Disseminated Intravascular Coagulation

⏱️ 30 mins read 📖 Clinical Topics 🎯 MLA Relevance: High (common complication in acutely unwell patients)

Disseminated Intravascular Coagulation (DIC) is a life-threatening systemic process resulting from the widespread activation of coagulation, leading to microvascular thrombosis and subsequent consumption of clotting factors and platelets, resulting in catastrophic bleeding.

📌 Learning Objectives

  • Define Disseminated Intravascular Coagulation (DIC) and its underlying pathophysiology.
  • Identify common triggers and risk factors for developing DIC.
  • Recognise the clinical manifestations of DIC, distinguishing between bleeding and thrombotic presentations.
  • Interpret laboratory findings characteristic of DIC, including coagulation profiles and blood film.
  • Outline the principles of management for DIC, prioritising treatment of the underlying cause.
  • Differentiate between acute and chronic DIC based on clinical presentation and laboratory findings.

📋 Overview

DIC is never a primary diagnosis but always secondary to an underlying condition. It is characterized by the simultaneous occurrence of thrombosis and haemorrhage. Triggers include sepsis (most common), trauma, malignancy (especially APML), and obstetric catastrophes (e.g., placental abruption). The massive release of tissue factor into the circulation triggers the coagulation cascade, leading to the formation of fibrin clots throughout the microvasculature. These clots cause organ ischaemia.

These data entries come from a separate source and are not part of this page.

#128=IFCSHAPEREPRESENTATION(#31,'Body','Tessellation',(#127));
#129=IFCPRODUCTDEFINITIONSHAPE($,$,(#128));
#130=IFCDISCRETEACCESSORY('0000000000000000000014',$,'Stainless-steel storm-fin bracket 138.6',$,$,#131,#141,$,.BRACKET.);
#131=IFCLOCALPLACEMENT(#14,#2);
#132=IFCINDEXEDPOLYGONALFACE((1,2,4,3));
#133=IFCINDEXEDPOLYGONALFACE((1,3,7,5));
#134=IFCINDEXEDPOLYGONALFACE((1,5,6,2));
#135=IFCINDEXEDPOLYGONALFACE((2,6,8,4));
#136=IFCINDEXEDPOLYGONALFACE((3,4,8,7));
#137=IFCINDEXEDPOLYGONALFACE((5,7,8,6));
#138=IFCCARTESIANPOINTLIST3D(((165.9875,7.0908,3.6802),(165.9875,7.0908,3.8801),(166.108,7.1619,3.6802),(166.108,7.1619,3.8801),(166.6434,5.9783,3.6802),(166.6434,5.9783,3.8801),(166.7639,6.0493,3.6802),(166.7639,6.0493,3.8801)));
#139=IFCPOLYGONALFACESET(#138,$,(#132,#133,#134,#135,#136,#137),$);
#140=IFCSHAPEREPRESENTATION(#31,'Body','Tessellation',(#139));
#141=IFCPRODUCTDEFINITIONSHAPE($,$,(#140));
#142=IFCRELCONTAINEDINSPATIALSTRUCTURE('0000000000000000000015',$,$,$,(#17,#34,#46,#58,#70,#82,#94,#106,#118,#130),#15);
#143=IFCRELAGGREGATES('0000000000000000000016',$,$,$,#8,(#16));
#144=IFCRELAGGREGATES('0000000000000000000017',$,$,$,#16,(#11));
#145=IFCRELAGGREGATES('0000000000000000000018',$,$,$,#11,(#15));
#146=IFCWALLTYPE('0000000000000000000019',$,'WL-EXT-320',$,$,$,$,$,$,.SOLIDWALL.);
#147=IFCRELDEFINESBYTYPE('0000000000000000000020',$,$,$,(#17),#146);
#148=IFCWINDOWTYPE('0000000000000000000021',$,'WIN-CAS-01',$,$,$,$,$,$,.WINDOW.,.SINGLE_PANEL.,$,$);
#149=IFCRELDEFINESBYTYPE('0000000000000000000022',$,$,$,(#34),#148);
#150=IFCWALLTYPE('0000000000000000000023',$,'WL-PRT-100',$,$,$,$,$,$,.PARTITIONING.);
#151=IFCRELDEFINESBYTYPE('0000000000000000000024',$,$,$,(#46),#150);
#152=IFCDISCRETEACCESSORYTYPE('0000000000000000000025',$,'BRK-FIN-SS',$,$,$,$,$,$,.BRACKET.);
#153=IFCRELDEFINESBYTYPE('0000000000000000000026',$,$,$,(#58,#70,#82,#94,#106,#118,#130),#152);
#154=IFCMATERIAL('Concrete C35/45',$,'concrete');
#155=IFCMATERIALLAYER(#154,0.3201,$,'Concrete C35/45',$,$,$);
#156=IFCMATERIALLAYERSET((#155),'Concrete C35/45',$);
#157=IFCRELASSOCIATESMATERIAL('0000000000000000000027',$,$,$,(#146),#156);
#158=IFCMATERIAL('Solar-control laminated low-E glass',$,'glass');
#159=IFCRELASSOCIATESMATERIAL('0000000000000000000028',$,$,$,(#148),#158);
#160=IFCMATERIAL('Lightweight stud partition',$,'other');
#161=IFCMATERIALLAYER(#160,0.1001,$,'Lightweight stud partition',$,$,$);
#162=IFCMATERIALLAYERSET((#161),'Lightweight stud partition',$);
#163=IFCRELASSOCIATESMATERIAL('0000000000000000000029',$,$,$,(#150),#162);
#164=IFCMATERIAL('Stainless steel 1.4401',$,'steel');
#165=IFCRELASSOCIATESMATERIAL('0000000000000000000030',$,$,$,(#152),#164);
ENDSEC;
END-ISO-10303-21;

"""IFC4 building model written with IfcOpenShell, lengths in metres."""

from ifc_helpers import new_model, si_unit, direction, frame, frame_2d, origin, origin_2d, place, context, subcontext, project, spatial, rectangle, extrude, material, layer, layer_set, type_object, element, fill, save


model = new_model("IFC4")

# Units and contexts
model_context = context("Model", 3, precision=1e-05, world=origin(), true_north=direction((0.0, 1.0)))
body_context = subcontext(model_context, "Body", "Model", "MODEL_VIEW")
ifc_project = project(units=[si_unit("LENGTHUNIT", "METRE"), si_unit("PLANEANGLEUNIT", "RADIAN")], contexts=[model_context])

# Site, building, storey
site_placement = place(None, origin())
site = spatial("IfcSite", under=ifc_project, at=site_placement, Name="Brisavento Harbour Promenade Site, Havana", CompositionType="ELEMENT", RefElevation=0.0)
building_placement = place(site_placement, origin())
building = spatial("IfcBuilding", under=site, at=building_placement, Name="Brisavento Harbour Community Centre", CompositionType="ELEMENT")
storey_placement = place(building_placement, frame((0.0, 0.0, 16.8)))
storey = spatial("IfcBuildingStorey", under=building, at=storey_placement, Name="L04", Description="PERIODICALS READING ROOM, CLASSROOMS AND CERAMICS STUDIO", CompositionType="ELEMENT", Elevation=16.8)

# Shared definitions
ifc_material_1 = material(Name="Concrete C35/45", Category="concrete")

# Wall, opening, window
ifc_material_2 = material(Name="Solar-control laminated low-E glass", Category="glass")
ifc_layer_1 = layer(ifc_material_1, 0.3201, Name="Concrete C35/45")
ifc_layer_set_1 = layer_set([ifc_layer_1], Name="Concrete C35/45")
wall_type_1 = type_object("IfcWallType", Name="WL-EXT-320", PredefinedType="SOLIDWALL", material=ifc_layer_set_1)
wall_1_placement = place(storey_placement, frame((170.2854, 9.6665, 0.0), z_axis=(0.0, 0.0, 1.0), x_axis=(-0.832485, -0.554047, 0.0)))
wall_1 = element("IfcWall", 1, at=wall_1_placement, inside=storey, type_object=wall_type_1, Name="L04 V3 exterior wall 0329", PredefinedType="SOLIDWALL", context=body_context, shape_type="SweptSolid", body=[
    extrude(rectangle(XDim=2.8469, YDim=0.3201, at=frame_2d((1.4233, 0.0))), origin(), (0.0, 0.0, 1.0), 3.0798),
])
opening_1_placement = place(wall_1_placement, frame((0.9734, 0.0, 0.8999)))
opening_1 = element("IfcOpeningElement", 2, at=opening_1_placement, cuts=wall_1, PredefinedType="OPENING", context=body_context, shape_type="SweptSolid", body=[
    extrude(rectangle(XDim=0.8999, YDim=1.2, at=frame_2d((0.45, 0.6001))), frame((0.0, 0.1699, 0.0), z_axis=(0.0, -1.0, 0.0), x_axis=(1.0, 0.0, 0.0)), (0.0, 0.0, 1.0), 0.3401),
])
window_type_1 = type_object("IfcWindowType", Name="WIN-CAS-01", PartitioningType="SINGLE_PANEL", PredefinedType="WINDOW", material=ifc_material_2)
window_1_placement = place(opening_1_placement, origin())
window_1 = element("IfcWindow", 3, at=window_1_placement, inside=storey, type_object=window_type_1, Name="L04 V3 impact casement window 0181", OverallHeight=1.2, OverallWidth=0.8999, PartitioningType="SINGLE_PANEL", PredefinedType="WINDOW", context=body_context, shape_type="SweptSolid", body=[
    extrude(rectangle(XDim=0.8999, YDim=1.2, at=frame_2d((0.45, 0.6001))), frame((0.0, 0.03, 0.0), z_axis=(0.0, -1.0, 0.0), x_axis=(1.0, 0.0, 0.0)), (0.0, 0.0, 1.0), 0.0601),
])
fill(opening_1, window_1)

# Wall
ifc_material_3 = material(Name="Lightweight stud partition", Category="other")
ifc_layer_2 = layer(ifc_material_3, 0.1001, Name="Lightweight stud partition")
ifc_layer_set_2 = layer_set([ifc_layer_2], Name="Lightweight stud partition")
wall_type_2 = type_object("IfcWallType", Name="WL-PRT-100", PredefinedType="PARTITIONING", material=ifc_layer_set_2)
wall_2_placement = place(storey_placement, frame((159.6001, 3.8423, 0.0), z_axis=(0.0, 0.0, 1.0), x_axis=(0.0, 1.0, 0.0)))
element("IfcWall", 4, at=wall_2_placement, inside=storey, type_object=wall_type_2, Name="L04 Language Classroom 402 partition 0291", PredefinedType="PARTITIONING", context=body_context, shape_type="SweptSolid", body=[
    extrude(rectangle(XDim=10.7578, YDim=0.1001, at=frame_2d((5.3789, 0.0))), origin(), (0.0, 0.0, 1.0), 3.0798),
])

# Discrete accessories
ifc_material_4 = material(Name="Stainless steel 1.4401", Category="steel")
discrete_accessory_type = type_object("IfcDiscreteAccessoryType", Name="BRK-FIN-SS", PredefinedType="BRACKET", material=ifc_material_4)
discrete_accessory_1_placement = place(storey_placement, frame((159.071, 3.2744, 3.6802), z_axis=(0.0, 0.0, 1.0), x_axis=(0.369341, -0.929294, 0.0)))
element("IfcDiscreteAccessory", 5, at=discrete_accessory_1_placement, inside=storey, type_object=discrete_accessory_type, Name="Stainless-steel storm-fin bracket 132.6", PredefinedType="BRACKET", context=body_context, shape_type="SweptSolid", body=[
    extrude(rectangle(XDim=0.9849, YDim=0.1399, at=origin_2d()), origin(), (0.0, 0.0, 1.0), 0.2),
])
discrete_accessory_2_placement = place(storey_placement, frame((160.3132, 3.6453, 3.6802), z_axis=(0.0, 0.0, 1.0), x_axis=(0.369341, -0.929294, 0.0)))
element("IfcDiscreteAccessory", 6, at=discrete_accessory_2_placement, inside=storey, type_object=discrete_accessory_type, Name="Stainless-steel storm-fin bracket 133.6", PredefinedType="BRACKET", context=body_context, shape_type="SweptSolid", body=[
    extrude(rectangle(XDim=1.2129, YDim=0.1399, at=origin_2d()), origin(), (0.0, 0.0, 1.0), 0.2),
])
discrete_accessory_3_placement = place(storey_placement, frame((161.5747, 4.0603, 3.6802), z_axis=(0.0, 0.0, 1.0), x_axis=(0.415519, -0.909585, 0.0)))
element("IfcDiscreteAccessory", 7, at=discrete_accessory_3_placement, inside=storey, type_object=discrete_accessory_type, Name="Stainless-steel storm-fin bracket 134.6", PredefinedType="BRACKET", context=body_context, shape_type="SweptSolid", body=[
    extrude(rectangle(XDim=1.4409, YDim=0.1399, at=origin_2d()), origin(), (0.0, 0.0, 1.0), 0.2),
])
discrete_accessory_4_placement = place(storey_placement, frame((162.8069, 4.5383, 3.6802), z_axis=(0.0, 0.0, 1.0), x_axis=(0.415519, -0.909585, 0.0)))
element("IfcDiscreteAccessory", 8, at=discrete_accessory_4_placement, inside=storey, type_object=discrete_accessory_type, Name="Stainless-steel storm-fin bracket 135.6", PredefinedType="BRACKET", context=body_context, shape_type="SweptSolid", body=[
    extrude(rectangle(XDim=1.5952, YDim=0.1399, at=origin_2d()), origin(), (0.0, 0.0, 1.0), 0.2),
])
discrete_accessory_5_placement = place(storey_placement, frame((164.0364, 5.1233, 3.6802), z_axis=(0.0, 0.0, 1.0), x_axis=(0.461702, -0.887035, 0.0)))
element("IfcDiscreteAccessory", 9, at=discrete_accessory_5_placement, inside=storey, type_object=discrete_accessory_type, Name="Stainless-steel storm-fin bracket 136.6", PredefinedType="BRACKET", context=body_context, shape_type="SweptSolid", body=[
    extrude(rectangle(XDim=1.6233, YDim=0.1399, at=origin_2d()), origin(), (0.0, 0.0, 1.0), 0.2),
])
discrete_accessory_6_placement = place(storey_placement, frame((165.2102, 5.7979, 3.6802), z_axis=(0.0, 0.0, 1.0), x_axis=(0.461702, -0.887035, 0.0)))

Simultaneously, the compensatory activation of fibrinolysis and the consumption of platelets and clotting factors (I, II, V, VIII) lead to a systemic bleeding diathesis. DIC can be acute (decompensated, high mortality) or chronic (compensated, often seen in malignancy). Management focuses on treating the underlying cause and supportive replacement of blood components in the presence of bleeding.

🔬 Basic Science

The primary event in DIC is the systemic expression of tissue factor (TF), typically due to cytokine release (TNF-α, IL-6) or direct entry of TF (trauma/amniotic fluid) into the blood. TF binds with Factor VIIa to activate the coagulation cascade. This generates excessive thrombin. Under normal conditions, natural anticoagulants like Protein C and Antithrombin III would check this process, but in DIC, these are depleted. Extensive fibrin deposition in small vessels leads to microangiopathic haemolytic anaemia (MAHA), as RBCs are sheared when passing through fibrin webs. Plasmin is generated to break down these clots, producing high levels of Fibrin Degradation Products (FDPs) and D-dimers, which themselves have anticoagulant properties, further worsening the bleeding risk.

🏥 Clinical Relevance

The presentation is dominated by the underlying cause (e.g., septic shock). DIC manifestations: 1) Bleeding: Oozing from venepuncture sites, surgical wounds, mucosal surfaces, or gastrointestinal tract. Petechiae and ecchymoses are common. 2) Thrombosis/Organ Dysfunction: Skin necrosis (Purpura Fulminans), acute kidney injury, respiratory failure (ARDS), and neurological deficit/coma. In chronic DIC (e.g., Trousseau's syndrome in malignancy), the thrombotic features predominate (recurrent VTE), while laboratory markers might be only mildly abnormal.

🧪 Investigations

Bloods: FBC (thrombocytopenia), Blood film (Schistocytes). Clotting: Prolonged PT, Prolonged APTT, and Prolonged Thrombin Time. Biochemical: Low Fibrinogen (classic in acute DIC, though it is an acute phase reactant so 'normal' levels may be inappropriately low), Elevated D-dimer (very sensitive, reflecting fibrinolysis). ISTH Scoring System: Uses Platelets, D-dimer, PT prolongation, and Fibrinogen level to diagnose overt DIC.

💊 Management

1) Treat the underlying cause: Antibiotics for sepsis, obstetric delivery, or ATRA for APML. This is the most crucial step. 2) Supportive replacement (only if bleeding or high risk): Platelets (target >50 x 10^9/L). Fresh Frozen Plasma (FFP) to correct prolonged PT/APTT. Cryoprecipitate (to replace Fibrinogen if <1.5g/L). 3) Thrombosis: In rare cases of predominant thrombosis without severe bleeding, therapeutic heparin may be considered (controversial). 4) Monitoring: Serial clotting and FBC measurements (e.g., 4-6 hourly).

Revision Resources – expand the sections below for high-yield notes, exam pearls, key facts and further reading.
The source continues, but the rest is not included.